People of status, celebrities and performers have been commonly associated with products and services, to achieve the idea that if someone famous has it, others will want it too. We know that a performer will only be asked to endorse something if they win, and that this doesn’t reflect or make a product better, yet people are ‘still attracted to products that are advertised as if they had something to do with stardom or athletic prowess.’ (Caplan, 2006, pg 167). Caplan agrees that this method of design does work on influencing people to buy into it. Even Sudjic has noticed how ‘Moleskin notebooks describe themselves as ‘the legendary notebook of Van Gogh and Matisse, Hemingway and Chatwin,’ and so seem to suggest talent by association’ (Sudjic, 2008, pg 76). This method relates to Bergers idea of how it plays on the fears of being undesirable, if you own something that a celebrity has it will elevate your status.

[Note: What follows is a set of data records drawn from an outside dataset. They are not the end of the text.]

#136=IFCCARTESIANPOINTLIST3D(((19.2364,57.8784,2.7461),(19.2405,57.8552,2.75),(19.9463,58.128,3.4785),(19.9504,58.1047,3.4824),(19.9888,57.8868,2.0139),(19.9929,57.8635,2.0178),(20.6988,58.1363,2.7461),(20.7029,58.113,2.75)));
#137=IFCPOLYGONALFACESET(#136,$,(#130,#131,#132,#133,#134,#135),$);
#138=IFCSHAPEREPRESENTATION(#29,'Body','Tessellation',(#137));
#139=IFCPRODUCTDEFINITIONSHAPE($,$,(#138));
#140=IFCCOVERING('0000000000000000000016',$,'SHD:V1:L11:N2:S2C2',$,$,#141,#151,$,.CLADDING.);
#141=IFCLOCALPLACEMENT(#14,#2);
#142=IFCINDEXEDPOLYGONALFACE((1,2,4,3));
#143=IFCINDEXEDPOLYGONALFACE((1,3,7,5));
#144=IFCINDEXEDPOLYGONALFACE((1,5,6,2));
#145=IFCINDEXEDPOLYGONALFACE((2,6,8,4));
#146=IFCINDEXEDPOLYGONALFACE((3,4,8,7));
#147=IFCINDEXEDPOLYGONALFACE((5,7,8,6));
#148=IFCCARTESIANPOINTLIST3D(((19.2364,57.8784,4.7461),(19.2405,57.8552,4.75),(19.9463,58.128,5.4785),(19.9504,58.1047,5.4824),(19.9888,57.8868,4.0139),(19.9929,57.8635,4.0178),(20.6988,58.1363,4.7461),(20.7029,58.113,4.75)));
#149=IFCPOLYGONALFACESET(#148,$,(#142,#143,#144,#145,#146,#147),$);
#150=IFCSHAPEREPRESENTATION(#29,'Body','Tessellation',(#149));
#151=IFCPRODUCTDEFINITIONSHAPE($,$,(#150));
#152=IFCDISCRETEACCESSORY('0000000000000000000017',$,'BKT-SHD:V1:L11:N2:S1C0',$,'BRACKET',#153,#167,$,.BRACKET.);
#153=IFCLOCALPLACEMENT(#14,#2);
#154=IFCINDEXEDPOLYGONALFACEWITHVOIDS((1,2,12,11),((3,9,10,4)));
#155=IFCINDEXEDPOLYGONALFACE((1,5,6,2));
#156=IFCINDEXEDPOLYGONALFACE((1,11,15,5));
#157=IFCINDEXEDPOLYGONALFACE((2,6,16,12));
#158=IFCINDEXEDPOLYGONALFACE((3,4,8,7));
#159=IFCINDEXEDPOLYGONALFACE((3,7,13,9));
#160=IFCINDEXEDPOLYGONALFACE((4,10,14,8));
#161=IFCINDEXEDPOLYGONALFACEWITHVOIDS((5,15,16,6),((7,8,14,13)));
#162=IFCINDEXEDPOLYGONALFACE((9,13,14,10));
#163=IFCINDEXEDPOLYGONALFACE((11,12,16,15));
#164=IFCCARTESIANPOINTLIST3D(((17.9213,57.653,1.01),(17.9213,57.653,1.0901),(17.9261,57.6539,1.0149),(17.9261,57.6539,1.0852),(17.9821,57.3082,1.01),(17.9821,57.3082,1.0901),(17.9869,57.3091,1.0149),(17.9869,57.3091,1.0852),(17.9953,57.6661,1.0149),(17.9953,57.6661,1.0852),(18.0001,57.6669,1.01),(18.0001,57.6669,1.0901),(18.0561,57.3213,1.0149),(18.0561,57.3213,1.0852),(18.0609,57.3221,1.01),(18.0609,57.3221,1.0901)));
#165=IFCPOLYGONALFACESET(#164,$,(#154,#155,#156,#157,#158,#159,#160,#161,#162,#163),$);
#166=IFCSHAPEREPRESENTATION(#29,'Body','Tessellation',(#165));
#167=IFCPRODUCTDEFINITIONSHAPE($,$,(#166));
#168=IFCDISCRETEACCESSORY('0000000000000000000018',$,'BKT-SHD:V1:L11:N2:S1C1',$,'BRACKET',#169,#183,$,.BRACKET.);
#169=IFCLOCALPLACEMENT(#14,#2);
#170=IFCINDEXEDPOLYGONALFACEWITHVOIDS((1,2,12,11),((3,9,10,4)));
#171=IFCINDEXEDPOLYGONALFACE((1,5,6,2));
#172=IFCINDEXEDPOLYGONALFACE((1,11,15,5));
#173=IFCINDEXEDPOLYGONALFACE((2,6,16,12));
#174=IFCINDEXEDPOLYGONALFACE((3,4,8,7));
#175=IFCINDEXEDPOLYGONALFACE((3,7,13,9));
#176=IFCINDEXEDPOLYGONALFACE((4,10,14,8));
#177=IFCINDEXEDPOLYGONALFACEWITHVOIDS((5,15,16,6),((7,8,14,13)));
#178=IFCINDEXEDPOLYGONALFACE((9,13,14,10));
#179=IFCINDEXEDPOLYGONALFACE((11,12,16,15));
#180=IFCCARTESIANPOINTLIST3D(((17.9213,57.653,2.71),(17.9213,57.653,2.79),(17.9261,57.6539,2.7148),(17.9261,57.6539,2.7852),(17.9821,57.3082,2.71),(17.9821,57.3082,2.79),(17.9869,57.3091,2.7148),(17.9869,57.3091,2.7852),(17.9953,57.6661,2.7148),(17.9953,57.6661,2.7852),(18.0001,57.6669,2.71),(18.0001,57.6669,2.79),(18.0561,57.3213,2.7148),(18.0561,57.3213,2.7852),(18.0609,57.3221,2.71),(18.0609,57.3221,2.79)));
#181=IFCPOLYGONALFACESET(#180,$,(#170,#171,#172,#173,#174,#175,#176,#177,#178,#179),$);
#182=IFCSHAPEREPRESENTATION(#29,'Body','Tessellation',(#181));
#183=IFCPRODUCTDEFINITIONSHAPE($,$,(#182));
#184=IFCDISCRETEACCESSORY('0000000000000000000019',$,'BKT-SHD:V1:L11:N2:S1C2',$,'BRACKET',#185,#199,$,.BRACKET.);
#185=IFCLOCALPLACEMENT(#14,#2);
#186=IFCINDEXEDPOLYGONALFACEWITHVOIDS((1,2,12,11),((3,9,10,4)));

Fashion has also gained social control of a society as ‘It represents a convergence between high culture and popular art that gives it real power.’ (Sudjic, 2008, pg 141). It uses sex, status and celebrity to entice people, which has led to a large amount of influence, both financial and cultural, on those who control it (Sudjic, 2008). It works with film to control what is considered in, and fashionable. It makes people want what the ‘stars’ have, which have been fabricated for us. Although, it has also created entry-level jobs for people in disadvantaged societies to help them develop and grow.
However, societies can sometimes control and take command of what the new trends are, and what the next best thing to buy is. This suggests that social control can be broken when the consumer decides they are no longer happy. Certain aspects of fashion such as, ‘The uniform highlights the paradox between fashion as a means of individual self-expression and as a way to suppress individuality and provide a prefabricated identity for those who wear it.’ (Sudjic, 2008, pg 154). This sort of design assumes conformity, and changes the way people think and behave by making them less of an individual, you are exactly like everyone else, it has taken away your liberty and freedom.
On the Health guidance website relating to school uniforms, they believe there are positives to having a uniform. ‘a school uniform can help teachers to quickly identify children from their school and so prevent them from getting lost.’ as well ‘It prevents competition and teasing: When children wear their own clothes into school, this then becomes a time for them to judge each other’ (ORG et al., n.d.). This will help to counteract fears of not being desirable, it helps to make things more equal no matter of wealth. It could also help boost productivity as wearing a uniform could make people believe that they become more professional (ORG et al., n.d.). Overall uniforms do help to achieve social control, they can be for positive reasons as outlined by the Health guidance website, or they can be used negatively such as within an army.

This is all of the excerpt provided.